# Front Range Hosting, Now Accepting Bitcoin



## VPSCorey (Aug 29, 2013)

FYI we have started accepting Bitcoin for payments utilizing bitpay as our processor.


----------



## Francisco (Aug 29, 2013)

So question.

Do they just do bank transfers to you for your payments? Or do they send it over paypal or something?

Francisco


----------



## perennate (Aug 29, 2013)

Francisco said:


> So question.
> 
> 
> Do they just do bank transfers to you for your payments? Or do they send it over paypal or something?
> ...


https://bitpay.com/



> You will receive a direct deposit into your bank account every business day.


----------



## Francisco (Aug 29, 2013)

perennate said:


> https://bitpay.com/


But who eats the fee's? It'd suck if you get like $20/d but you're forking $5/d in transfer fees.

Francisco


----------



## Slownode (Aug 29, 2013)

I wish I could pay with CC for only %0.99...


----------



## perennate (Aug 29, 2013)

Francisco said:


> But who eats the fee's? It'd suck if you get like $20/d but you're forking $5/d in transfer fees.
> 
> 
> Francisco


Well they have some information at https://bitpay.com/bitcoin-direct-deposit


----------



## VPSCorey (Aug 29, 2013)

I chose convert to USD and transfer to bank rather than keep BTC and deal with the fluctuating values.  Spares me if there's a currency crash on the BTC side.


----------



## Francisco (Aug 30, 2013)

FRCorey said:


> I chose convert to USD and transfer to bank rather than keep BTC and deal with the fluctuating values.  Spares me if there's a currency crash on the BTC side.


 

That's cool!

Good job!

Francisco


----------



## Damian (Aug 30, 2013)

I see that you've only started offering it recently, but are you getting a lot of use on it? I'm always looking for good ways for people to give us money.


----------



## mitgib (Aug 30, 2013)

Damian said:


> I see that you've only started offering it recently, but are you getting a lot of use on it? I'm always looking for good ways for people to give us money.

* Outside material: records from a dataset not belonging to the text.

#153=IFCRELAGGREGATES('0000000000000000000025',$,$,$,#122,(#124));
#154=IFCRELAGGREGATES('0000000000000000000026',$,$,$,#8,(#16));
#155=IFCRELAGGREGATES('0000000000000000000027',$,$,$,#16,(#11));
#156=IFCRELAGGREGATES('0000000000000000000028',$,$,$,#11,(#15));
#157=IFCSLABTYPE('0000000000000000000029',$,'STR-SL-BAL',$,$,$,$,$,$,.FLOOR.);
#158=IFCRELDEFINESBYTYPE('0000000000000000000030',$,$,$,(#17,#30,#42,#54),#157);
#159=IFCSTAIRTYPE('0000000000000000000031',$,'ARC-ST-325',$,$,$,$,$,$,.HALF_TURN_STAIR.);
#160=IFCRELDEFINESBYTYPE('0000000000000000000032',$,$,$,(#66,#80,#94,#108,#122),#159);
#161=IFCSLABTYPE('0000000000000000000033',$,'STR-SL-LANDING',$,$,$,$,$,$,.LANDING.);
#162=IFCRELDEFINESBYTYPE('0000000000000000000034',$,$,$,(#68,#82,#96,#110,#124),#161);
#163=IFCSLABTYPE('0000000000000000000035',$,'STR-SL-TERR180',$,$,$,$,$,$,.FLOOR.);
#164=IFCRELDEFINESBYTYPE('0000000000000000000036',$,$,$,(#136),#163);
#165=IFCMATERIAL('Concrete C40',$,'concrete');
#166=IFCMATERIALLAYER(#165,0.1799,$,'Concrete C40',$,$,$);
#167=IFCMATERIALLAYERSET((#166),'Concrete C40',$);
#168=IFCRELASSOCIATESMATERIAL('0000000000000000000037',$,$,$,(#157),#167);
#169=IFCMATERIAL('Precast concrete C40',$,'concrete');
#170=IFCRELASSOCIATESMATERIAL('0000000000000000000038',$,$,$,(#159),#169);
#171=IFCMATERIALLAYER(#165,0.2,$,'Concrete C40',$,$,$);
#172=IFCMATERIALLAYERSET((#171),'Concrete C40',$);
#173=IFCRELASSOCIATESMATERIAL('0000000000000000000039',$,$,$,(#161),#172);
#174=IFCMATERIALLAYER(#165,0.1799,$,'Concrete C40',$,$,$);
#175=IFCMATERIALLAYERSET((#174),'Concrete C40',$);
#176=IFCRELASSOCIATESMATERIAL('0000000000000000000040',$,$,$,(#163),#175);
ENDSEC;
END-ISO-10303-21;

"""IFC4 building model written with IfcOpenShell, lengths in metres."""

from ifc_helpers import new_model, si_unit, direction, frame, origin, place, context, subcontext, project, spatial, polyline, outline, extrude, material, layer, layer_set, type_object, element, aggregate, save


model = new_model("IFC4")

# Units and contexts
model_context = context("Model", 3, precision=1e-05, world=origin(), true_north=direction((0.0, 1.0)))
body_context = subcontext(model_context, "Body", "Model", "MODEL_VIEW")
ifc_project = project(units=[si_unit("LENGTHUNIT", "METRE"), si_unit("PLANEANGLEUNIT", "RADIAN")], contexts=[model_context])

I've been accepting bitcoin since December and receive less than 1% payment with it, so I offer the option, but is far from popular.


----------



## ultimatehostings (Aug 31, 2013)

A lot of providers have started accepting bitcoin, I think it's going to take some time for everyone to get to used to it.


----------



## VPSCorey (Sep 4, 2013)

I have had a few orders with it so far, but it's not going to beat out PayPal anytime soon.


----------



## BlueVM (Sep 5, 2013)

If WHMCS would allow me I'd discount all orders in bitcoin by 15 - 20% right off the top just for the sheer savings in fees and hassle.


----------



## wlanboy (Sep 5, 2013)

BlueVM said:


> right off the top just for the sheer savings in fees and hassle.


Because of creditcard or Paypal?


----------



## Patrick (Sep 5, 2013)

BlueVM said:


> If WHMCS would allow me I'd discount all orders in bitcoin by 15 - 20% right off the top just for the sheer savings in fees and hassle.


http://www.modulesgarden.com/products/whmcs/payment_gateway_charges/features


----------